Joe Biden, el presidente que lo es porque Trump era mucho peor, llamó a Pedro Sánchez, el presidente que estaba de vacaciones -o quizás fue al revés-, y Sánchez dice que pactaron como realizar la evacuación de las personas que han quedado en el Afganistán después de la salida de las tropas de los EE.UU. Una salida, por cierto, que parece diseñada por los rusos. O por los chinos. Para destruir la reputación de los guardianes militares del mundo. Bien, o directamente el responsable fue un mono cocainómano. Desde el fichaje de Coutinho, Démbélé y Griezmann y por el precio que pagaron por ellos, en el planeta Tierra no se había visto cosa igual.
Perfecto, el personal de las embajadas ya ha vuelto -o está a punto de hacerlo. Y, probablemente, también lo harán la mayoría de los que han colaborado con los occidentales y lo haran con sus familias. Es de justicia. Porque allí peligra su vida. ¿Pero, y el resto, qué? Quiero decir, los que no puedan volver y los afganos y, sobre todo, las afganas que se han quedado allí, ¿qué? Vaya, lo que vendría a ser la población que ni estaba a favor de la ocupación ni tampoco de los talibanes, que es lo que acostumbra a suceder. Aquello que denominaríamos "los del medio". Personas que simplemente intentan tener una vida y que han visto como desde hace casi cincuenta años allí les va yendo gente de fuera, normalmente armada, les impone un gobierno y una situación y después se va. Y allí se quedan los efectos de una gestión que acostumbra a ser nefasta. Ahora mismo los han dejado en manos de unos personajes que sirven para dar nombre a los intolerantes y a los fanáticos. Quien se lo tenía que decir, verdad, a los talibanes que se convertirían en un adjetivo calificativo. Negativo.

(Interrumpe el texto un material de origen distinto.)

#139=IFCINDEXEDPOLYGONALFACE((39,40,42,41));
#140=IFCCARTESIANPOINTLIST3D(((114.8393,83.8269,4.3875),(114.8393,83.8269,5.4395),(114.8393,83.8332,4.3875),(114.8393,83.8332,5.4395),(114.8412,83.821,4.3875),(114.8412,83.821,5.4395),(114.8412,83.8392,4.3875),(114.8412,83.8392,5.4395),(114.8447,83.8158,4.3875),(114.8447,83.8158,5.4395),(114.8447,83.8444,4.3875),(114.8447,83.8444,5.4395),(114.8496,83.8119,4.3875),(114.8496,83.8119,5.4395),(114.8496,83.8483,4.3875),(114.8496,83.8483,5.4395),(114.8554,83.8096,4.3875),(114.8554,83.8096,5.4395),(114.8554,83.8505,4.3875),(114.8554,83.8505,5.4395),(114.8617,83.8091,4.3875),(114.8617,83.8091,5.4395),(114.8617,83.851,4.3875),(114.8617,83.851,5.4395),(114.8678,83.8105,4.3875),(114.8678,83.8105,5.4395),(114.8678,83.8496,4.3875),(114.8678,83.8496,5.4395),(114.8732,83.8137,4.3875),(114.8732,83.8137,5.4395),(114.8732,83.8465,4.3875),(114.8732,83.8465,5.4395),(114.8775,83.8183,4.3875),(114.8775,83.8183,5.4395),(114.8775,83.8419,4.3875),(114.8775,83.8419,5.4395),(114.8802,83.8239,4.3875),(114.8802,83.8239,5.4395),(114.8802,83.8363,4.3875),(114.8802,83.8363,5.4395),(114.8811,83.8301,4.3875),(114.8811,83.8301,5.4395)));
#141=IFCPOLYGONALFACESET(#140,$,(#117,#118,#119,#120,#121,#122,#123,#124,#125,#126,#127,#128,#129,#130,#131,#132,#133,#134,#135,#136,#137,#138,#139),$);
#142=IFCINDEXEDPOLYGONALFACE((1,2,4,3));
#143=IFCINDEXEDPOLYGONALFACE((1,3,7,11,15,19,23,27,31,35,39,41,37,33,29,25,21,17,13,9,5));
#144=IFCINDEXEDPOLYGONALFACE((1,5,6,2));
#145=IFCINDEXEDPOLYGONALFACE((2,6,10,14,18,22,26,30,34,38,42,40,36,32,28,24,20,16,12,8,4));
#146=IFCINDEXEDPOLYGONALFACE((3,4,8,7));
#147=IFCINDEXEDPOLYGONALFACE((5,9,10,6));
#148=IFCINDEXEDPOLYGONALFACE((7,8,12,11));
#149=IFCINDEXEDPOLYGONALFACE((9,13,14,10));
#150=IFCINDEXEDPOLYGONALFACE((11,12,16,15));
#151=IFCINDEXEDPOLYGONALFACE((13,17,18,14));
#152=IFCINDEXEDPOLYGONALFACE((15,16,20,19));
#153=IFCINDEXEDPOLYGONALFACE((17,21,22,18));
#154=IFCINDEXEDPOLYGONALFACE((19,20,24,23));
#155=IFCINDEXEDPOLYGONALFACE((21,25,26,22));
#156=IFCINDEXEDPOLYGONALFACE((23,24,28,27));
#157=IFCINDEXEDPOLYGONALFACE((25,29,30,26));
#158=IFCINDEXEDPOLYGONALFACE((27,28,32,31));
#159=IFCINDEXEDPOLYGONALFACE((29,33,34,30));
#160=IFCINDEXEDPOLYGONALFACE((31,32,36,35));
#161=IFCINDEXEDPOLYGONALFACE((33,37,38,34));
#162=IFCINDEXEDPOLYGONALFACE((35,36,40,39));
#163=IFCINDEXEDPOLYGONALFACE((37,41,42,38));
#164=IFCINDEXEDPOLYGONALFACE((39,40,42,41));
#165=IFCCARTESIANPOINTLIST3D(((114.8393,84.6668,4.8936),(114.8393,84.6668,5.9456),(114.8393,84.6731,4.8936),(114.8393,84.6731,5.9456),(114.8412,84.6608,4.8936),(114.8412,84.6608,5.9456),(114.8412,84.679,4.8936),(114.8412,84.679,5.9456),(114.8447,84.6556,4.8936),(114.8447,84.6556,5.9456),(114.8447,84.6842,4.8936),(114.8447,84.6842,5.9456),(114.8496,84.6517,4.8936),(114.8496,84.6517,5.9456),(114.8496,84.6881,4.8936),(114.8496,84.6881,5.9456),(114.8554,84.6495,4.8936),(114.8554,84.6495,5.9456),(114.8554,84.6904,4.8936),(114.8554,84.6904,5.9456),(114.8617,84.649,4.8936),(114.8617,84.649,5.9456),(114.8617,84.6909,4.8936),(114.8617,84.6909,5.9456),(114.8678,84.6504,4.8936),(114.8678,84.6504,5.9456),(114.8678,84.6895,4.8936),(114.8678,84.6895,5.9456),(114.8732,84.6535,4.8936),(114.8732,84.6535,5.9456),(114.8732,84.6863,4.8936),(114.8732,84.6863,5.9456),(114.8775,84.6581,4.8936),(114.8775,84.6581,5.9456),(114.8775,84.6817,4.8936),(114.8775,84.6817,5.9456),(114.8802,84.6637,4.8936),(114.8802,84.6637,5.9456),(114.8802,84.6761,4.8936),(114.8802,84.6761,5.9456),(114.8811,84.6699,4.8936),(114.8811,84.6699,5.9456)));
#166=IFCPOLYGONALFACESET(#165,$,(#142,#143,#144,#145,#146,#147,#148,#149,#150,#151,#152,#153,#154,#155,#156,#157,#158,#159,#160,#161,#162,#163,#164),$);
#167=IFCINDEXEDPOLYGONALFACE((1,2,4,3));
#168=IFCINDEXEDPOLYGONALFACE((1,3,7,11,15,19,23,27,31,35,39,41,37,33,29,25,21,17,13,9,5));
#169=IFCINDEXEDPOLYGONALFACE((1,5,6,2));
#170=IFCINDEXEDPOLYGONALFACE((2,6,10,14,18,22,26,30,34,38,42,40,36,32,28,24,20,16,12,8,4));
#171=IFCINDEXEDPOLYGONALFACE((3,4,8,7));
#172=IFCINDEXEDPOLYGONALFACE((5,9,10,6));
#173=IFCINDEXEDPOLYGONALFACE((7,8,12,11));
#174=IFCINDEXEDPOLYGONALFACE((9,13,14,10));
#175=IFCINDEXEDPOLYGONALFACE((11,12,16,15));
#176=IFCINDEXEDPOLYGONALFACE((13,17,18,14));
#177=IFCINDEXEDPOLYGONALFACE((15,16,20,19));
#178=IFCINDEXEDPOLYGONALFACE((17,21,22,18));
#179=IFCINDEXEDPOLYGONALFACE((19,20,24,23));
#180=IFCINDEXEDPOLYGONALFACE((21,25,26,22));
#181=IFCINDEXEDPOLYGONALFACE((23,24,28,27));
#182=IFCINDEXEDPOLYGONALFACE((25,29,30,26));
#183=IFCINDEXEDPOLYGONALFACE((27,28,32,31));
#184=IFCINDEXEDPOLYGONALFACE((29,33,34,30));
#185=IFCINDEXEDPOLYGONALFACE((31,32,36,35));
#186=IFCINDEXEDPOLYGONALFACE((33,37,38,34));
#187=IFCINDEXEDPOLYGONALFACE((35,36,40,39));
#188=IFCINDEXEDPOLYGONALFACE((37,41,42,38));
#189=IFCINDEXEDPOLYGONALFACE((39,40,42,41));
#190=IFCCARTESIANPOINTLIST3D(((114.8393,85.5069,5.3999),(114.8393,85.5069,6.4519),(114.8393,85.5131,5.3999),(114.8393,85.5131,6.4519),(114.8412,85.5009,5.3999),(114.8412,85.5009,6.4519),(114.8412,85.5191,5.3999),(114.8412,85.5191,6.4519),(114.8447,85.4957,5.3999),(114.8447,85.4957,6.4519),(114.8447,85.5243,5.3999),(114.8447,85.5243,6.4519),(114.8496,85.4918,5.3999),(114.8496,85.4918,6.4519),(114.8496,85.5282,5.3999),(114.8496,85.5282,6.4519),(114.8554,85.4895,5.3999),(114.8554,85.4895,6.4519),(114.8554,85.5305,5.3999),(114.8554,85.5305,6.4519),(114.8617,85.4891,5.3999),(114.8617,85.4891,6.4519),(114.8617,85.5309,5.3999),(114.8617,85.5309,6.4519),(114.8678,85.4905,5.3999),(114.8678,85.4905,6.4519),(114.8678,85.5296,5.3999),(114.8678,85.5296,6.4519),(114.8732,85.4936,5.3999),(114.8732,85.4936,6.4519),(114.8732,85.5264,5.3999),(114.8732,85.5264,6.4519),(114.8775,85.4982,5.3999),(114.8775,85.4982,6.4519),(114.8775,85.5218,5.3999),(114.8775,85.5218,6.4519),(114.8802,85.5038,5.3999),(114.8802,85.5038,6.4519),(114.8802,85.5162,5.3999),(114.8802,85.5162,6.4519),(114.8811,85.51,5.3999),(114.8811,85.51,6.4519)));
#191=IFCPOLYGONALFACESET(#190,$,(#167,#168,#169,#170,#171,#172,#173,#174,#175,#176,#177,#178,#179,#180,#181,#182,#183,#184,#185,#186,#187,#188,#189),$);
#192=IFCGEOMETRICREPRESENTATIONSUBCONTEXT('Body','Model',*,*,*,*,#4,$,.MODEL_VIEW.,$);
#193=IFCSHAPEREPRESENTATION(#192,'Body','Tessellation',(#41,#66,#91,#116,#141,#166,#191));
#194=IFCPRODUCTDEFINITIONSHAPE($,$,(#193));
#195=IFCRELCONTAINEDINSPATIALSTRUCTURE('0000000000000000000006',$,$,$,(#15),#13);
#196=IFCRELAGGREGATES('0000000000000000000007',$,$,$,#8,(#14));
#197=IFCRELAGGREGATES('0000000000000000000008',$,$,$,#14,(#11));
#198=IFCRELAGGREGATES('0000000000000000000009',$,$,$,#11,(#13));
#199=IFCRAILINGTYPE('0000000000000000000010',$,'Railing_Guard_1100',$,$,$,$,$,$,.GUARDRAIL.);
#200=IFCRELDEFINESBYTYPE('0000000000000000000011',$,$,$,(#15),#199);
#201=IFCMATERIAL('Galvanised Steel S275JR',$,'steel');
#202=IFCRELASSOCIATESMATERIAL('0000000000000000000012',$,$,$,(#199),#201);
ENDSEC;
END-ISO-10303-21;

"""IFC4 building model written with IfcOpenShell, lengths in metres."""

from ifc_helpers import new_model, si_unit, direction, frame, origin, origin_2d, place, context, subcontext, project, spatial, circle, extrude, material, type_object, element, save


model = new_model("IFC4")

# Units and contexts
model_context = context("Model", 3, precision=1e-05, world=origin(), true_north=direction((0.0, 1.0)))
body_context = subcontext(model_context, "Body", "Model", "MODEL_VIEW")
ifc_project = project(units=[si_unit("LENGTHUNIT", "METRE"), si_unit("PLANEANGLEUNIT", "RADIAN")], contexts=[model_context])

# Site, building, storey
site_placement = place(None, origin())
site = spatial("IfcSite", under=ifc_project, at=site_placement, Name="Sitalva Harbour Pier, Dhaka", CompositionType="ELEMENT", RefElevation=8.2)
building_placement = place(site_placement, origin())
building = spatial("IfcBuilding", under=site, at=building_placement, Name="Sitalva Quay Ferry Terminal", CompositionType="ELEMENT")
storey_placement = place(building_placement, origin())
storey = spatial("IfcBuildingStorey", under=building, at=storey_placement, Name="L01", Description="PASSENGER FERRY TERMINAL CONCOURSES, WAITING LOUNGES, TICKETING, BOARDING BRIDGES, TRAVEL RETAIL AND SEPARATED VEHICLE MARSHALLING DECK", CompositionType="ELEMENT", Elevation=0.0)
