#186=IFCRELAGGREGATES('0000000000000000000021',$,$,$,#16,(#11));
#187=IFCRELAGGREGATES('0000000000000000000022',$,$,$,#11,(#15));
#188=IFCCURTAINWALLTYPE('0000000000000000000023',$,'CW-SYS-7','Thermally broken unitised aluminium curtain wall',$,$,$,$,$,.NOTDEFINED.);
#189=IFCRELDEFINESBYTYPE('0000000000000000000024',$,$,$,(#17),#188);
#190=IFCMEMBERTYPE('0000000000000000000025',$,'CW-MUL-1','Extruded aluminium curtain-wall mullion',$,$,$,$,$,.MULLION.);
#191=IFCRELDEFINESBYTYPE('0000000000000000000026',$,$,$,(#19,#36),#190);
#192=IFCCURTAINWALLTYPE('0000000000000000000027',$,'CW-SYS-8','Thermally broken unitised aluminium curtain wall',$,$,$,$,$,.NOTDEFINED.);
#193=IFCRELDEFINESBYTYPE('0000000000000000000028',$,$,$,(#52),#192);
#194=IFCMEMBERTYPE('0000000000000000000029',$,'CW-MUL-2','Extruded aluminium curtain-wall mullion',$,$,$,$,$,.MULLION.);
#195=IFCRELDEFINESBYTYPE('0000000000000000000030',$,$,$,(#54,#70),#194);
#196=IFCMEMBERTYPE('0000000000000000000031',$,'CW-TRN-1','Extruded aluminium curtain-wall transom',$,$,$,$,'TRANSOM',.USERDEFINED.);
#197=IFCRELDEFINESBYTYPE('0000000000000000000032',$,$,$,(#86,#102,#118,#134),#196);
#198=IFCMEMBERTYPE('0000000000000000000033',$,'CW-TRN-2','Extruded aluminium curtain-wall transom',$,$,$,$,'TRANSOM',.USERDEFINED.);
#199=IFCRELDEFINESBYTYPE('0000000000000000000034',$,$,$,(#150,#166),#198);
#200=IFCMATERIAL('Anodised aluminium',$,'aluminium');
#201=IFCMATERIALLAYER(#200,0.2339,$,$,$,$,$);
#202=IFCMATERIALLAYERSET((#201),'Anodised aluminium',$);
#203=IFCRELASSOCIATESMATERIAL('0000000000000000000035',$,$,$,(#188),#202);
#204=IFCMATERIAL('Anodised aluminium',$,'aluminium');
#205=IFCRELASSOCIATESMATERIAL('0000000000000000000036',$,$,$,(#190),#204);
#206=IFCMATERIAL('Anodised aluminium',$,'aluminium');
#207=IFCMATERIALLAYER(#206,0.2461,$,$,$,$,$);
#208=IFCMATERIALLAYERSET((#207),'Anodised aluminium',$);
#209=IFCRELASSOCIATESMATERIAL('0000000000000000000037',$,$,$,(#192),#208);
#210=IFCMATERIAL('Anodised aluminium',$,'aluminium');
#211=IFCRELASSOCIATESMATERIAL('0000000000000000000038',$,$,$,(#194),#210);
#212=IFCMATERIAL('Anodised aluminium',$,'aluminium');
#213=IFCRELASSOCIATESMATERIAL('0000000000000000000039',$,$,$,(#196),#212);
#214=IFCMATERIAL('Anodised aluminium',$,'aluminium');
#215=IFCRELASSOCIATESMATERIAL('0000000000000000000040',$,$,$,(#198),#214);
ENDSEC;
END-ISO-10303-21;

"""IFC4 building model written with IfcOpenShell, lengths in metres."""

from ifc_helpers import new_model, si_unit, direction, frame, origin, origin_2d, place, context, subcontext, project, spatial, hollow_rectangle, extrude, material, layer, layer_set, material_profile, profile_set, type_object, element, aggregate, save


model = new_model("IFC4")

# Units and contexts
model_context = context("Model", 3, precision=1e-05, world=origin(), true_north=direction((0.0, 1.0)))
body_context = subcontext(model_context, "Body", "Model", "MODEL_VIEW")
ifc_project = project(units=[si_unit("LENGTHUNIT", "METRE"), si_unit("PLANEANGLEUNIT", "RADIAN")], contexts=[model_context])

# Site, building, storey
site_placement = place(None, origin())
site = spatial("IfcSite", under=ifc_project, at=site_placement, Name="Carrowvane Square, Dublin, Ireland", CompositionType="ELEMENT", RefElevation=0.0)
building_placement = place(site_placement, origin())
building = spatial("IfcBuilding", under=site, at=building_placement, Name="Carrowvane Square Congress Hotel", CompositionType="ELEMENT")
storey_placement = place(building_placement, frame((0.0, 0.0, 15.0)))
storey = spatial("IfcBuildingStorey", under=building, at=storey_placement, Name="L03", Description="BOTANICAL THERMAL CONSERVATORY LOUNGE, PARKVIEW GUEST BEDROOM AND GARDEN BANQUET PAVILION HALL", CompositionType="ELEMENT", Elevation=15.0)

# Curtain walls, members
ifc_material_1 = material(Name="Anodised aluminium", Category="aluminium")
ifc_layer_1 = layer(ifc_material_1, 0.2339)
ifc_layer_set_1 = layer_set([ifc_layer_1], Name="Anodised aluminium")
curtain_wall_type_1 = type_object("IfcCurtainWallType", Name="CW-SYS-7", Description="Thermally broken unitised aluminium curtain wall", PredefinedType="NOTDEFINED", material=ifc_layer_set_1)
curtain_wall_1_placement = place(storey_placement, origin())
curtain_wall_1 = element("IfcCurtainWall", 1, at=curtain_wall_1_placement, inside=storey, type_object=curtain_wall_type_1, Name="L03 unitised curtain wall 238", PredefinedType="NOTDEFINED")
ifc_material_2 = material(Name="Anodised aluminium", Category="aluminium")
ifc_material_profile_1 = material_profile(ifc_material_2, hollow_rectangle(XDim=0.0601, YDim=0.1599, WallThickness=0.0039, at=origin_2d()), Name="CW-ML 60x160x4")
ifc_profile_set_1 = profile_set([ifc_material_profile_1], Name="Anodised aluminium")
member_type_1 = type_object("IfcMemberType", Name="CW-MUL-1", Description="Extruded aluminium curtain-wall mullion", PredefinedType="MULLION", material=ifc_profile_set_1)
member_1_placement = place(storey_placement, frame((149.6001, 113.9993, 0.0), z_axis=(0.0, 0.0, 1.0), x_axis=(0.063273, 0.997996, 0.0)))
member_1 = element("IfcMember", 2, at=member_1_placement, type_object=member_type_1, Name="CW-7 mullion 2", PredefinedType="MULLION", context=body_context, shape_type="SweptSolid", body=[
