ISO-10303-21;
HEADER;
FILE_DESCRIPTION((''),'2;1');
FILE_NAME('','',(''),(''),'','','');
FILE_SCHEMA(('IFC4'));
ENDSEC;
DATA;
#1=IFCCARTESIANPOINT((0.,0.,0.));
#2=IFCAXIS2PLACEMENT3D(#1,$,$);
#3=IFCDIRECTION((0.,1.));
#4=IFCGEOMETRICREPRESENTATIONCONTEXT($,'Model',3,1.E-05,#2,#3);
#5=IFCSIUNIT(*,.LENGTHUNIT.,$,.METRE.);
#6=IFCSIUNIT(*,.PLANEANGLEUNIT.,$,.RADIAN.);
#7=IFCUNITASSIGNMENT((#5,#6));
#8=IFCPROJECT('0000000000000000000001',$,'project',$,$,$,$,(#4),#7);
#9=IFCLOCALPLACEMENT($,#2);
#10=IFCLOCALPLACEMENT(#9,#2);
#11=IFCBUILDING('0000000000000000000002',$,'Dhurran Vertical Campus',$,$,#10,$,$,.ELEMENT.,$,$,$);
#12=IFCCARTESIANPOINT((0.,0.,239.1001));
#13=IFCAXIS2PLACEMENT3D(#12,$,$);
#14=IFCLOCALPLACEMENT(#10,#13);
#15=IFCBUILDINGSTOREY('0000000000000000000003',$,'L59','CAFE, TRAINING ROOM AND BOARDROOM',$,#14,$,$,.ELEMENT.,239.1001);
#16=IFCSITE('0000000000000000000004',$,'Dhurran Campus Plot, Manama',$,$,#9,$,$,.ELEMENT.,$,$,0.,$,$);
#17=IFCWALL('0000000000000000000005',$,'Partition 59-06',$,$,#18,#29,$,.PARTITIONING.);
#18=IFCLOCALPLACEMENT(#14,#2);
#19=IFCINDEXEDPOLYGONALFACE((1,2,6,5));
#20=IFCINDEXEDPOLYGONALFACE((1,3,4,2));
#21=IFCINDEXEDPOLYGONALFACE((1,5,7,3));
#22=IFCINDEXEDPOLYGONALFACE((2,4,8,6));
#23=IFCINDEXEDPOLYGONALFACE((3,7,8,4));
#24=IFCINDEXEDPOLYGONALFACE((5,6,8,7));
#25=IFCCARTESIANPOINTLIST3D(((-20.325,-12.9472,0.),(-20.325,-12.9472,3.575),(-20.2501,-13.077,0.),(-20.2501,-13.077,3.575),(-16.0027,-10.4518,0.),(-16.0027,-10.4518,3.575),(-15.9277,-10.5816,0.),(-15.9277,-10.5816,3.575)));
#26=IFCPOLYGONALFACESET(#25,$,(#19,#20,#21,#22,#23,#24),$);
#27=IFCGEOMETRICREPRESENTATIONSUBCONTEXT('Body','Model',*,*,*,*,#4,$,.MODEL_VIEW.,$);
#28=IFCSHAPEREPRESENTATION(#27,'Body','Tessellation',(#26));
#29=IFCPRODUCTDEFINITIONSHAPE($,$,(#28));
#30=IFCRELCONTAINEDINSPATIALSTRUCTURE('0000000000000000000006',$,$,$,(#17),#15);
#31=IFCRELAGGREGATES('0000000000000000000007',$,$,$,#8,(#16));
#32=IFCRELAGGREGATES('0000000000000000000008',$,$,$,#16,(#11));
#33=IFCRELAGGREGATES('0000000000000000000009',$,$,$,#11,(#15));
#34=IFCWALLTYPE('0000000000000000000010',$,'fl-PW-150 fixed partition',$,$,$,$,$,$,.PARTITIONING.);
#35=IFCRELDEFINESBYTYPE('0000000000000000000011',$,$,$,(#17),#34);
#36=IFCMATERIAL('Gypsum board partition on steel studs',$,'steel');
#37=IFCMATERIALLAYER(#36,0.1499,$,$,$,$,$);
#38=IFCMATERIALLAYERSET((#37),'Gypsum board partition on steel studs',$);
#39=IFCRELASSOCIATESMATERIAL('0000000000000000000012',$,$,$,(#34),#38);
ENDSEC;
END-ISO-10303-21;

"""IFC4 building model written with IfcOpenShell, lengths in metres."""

from ifc_helpers import new_model, si_unit, direction, frame, frame_2d, origin, place, context, subcontext, project, spatial, rectangle, extrude, material, layer, layer_set, type_object, element, save


model = new_model("IFC4")

# Units and contexts
model_context = context("Model", 3, precision=1e-05, world=origin(), true_north=direction((0.0, 1.0)))
body_context = subcontext(model_context, "Body", "Model", "MODEL_VIEW")
ifc_project = project(units=[si_unit("LENGTHUNIT", "METRE"), si_unit("PLANEANGLEUNIT", "RADIAN")], contexts=[model_context])

# Site, building, storey
site_placement = place(None, origin())
site = spatial("IfcSite", under=ifc_project, at=site_placement, Name="Dhurran Campus Plot, Manama", CompositionType="ELEMENT", RefElevation=0.0)
building_placement = place(site_placement, origin())
building = spatial("IfcBuilding", under=site, at=building_placement, Name="Dhurran Vertical Campus", CompositionType="ELEMENT")
storey_placement = place(building_placement, frame((0.0, 0.0, 239.1001)))
storey = spatial("IfcBuildingStorey", under=building, at=storey_placement, Name="L59", Description="CAFE, TRAINING ROOM AND BOARDROOM", CompositionType="ELEMENT", Elevation=239.1001)

# Wall
ifc_material_1 = material(Name="Gypsum board partition on steel studs", Category="steel")
ifc_layer_1 = layer(ifc_material_1, 0.1499)
ifc_layer_set_1 = layer_set([ifc_layer_1], Name="Gypsum board partition on steel studs")
wall_type_1 = type_object("IfcWallType", Name="fl-PW-150 fixed partition", PredefinedType="PARTITIONING", material=ifc_layer_set_1)
wall_1_placement = place(storey_placement, frame((-15.9651, -10.5166, 0.0), z_axis=(0.0, 0.0, 1.0), x_axis=(-0.866034, -0.499985, 0.0)))
element("IfcWall", 1, at=wall_1_placement, inside=storey, type_object=wall_type_1, Name="Partition 59-06", PredefinedType="PARTITIONING", context=body_context, shape_type="SweptSolid", body=[
    extrude(rectangle(XDim=4.991, YDim=0.1499, at=frame_2d((2.4956, 0.0))), origin(), (0.0, 0.0, 1.0), 3.575),
])

save(model, "model.ifc")
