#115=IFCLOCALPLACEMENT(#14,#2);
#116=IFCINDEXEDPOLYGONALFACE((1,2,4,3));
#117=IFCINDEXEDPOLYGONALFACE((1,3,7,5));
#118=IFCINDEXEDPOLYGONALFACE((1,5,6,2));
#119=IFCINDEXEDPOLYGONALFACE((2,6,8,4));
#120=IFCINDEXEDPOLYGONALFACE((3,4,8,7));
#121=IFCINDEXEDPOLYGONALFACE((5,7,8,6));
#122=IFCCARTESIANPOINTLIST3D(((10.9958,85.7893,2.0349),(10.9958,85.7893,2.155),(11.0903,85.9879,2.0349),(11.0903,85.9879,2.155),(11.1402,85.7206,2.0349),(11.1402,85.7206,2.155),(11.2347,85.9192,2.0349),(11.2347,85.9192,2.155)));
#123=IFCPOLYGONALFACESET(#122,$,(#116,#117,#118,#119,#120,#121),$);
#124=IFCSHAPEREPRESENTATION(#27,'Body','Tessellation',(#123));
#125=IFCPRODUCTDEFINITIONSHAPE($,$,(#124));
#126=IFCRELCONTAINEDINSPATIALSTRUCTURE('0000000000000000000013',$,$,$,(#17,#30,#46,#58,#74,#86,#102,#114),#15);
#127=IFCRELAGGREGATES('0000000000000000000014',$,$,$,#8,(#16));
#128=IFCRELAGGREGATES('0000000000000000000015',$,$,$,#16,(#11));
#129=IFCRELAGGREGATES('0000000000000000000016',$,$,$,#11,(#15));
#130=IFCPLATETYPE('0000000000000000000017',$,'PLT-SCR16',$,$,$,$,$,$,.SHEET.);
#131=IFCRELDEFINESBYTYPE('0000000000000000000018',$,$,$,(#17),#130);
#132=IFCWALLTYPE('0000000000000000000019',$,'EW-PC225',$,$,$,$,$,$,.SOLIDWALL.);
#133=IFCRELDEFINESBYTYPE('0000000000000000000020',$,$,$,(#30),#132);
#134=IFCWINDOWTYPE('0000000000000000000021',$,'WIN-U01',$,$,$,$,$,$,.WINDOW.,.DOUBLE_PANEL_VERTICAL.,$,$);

Nadie piensa nunca en la gente. La población. La ciudadanía. Ni piensan los que invaden ni los que son desplazados por los invasores y esperan pacientemente que los invasores se marchen aburridos para reocupar su lugar. Los ciudadanos están allí en medio, pero no importan. De hecho ni siquiera importa si dejan de estar. Eso que denominamos "occidente" lo acostumbra a vender con el argumento aquel de que van para salvar la libertad y la democracia. El problema es cuando alguien tiene un ataque de sinceridad y dice la verdad. Le ha sucedido a Biden, el hombre que ocupa en el despacho oval porque era el peor de lo males posibles. "No -dijo-, no fuimos a Afganistán a crear democracia". Fueron para protegerse del binlandismo existente entonces y evitar más ataques terroristas en el comedor de su casa. A ver, que lo diga no sirve de mucho, pero es útil. Para saber qué triste e irrelevante papel jugamos y de donde y como nos caerán las hostias.
Bien, rectifico.. si que ha servido. Poco después, y para apagar el incendio provocado por "Biden el franco", el Departamento de Estado filtró la estrategia diseñada el año 2003 por George W Bush: una vez eliminados los opositores se trataba de imponer una democracia sostenible a través de un gobierno títere. Con eso ahora ya podemos escoger a quien nos creemos.
Total, la gente acaba siendo aquella molestia que hace que los grandes estrategas, los cuales se ve que no estuvieron ni en desiertos remotos ni en montañas lejanas, no puedan culminar sus maravillosas ideas para salvar su humanidad, que no es otra cosa que sus intereses. Y es así como vemos esto de Afganistán o esto otro de los menores marroquíes que todavía están en Ceuta. Mohammed VI los envió para presionar España por el tema Polisario. Han pasado los meses y los niños continúan allí. Al tal Mohammed lo que los pase a los chicos le importa una autentica mierda. Por lo tanto, el gobierno más progresista de la historia tiene un problema y quieres devolverlos a su país. Y han sido repatriados 700. Pero, ¡oh milagro!, nadie ha dado la orden. El ministro del Interior Grande-Marlaska dice que él no sabe nada. Y como nadie más sabe nada, se ve que al final ha pasado que los menores se iban repatriando ellos solos por una orden que se dio ella sola. Un fenómeno que denominaremos teletransportación espontánea. Tan espontánea como el futuro de los treinta y cinco millones y medio de afganos que todavía quedan vivos. Un futuro, el suyo, espontáneo y, sobre todo, que ocurrirá sin que nadie sepa nada.